Some of the tobacco control laws in The Gambia were adopted (e.g. The Tobacco Control Act, 201613, adopted in 2018) or passed (e.g. the Tobacco Control Regulations 201914) after the survey took place in 2017. However, some of the provisions of the Tobacco Control Act, including those prohibiting sales to and by minors, tobacco advertising, promotion and sponsorship, and smoking in public places came into effect immediately in 2016. Both the current (2021–2025) and previous tobacco control policies (2013–2018) have provisions protecting children from access to tobacco13. In addition, the country signed and ratified the WHO FCTC including Article 1610, with a commitment to prevent the sale of tobacco to and by minors. This shows that The Gambia Ministry of Health and other stakeholders in tobacco control in the country already have the legal instruments that prohibit sale of tobacco to children10,11,14. There is evidence from a Cochrane Systematic Review suggesting enforcement of laws prohibiting cigarette sales to youths can lead to a reduction of smoking among youths34. In contrast, having laws without full implementation does not deter youths from accessing tobacco. For example, the 1993 Tobacco Products Control Act of South Africa prohibits the sale/supply of cigarettes to children aged <18 years, but the 2011 GYTS survey has shown that 68% of children aged 13–15 years who smoked cigarettes were successful in purchasing cigarettes20. Consistent compliance checks should be done to ensure vendors comply with the regulation. The age limit to purchase cigarettes should also be increased from 18 to 21 years and age verification conducted to avoid selling cigarettes to children.
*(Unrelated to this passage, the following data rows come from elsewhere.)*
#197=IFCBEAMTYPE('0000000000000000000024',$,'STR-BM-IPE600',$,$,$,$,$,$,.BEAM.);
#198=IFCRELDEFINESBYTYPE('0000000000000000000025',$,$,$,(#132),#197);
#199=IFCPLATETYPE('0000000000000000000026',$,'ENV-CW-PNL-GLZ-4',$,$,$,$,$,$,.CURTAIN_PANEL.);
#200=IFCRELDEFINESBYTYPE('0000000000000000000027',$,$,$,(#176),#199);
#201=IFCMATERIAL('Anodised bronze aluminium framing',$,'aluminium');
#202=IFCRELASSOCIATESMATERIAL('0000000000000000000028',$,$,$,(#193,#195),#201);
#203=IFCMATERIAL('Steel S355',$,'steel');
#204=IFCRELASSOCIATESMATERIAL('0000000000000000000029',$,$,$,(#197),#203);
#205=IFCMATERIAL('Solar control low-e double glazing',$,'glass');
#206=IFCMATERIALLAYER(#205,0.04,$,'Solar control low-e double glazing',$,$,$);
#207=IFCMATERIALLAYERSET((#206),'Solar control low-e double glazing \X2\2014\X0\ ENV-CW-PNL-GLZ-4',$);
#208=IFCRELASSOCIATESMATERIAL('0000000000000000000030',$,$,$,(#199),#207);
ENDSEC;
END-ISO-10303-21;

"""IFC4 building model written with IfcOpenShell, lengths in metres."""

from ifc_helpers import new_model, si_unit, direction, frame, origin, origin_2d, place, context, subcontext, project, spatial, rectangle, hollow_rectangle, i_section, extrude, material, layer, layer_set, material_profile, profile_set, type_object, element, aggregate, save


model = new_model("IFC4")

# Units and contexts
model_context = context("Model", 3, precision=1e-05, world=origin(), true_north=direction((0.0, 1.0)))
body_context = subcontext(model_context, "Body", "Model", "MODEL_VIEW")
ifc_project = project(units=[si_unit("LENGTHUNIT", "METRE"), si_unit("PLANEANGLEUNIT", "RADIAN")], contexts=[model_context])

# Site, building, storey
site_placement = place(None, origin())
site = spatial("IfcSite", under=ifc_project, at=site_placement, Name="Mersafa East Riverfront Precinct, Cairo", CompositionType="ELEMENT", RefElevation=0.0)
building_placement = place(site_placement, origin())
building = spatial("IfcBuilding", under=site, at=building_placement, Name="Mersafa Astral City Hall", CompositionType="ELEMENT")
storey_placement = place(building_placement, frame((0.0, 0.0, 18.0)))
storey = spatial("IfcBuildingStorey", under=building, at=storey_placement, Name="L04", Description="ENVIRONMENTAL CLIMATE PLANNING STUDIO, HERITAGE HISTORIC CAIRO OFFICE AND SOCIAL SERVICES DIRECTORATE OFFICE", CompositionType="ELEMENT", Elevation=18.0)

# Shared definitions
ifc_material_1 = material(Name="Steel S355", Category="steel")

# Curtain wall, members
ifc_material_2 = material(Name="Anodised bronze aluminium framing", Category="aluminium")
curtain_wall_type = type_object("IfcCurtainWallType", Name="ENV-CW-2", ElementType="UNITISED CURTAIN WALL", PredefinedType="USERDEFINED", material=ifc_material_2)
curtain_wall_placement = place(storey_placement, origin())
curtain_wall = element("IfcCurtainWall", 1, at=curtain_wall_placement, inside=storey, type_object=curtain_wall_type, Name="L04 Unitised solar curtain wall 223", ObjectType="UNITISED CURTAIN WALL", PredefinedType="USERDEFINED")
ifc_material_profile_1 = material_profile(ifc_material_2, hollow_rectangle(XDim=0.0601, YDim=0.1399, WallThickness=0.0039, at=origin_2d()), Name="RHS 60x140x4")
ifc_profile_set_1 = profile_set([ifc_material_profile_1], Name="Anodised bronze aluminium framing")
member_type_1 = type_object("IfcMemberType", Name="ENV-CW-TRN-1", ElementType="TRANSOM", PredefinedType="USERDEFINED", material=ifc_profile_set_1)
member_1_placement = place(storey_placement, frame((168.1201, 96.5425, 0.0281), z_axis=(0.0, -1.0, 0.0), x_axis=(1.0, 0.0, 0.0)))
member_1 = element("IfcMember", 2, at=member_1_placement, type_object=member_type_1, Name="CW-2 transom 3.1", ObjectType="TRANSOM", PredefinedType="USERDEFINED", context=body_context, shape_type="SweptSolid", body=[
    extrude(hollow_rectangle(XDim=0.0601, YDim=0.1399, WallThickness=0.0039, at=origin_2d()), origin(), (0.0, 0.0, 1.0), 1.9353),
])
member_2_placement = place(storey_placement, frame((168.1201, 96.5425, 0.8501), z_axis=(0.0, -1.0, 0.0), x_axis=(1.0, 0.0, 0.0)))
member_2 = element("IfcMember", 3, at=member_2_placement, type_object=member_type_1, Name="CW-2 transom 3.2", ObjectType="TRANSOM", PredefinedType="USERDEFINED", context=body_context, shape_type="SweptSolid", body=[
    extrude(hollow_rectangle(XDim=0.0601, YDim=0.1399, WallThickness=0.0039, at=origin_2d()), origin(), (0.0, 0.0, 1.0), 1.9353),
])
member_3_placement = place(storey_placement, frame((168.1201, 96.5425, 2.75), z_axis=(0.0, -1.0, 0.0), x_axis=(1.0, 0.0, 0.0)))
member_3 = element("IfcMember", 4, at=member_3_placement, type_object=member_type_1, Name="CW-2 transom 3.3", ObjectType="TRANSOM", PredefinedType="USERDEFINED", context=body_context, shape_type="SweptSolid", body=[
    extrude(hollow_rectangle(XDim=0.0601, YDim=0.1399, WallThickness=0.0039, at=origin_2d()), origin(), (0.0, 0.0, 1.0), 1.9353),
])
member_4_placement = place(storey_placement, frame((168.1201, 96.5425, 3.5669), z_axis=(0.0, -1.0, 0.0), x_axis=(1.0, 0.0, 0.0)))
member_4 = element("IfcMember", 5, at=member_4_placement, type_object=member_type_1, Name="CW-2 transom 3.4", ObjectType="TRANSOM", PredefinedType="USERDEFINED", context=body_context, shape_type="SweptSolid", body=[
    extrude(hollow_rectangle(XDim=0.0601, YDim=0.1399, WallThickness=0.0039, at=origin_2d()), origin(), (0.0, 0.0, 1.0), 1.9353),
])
Raising tobacco taxes, which will in turn increase the retail price, could be another effective strategy to prevent tobacco initiation among minors. As found in our previous study using the same GYTS data, increase in price deters children in The Gambia from experimenting with cigarette smoking24. Another study that used GYTS data from 16 African countries including The Gambia also revealed that higher cigarette prices decreased both the likelihood of smoking and smoking intensity among youth35.
Limitations
Although the sample size was large, the study was conducted among students and therefore the findings may not be generalizable to children out of school. The study design was cross-sectional and hence did not allow causal analysis. Smoking behavior was self-reported, and students might have the tendency to under report or over report their smoking behavior. To understand how students who smoke obtain their cigarettes, we used the question: ‘The last time you smoked cigarettes during the past 30 days, how did you get them?’. Participants could pick only one response, which is a potential limitation as participants may have had access to all available options. Future surveys should ask where participants obtain products most frequently instead. Finally, the Tobacco Control Act 2016 was passed just one year before the survey. Therefore, this study cannot assess if the regulations have had a significant impact on the protection of children.
CONCLUSIONS
We found that in 2017, children in The Gambia, including never smokers, were able to purchase cigarettes without much hinderance despite current regulations. To prevent tobacco initiation at a young age, the government should increase efforts in implementing the tobacco control laws that protect children. Our findings can guide the implementation of policies, programs, and public health strategies that can protect children from exposure and use of all forms of tobacco products.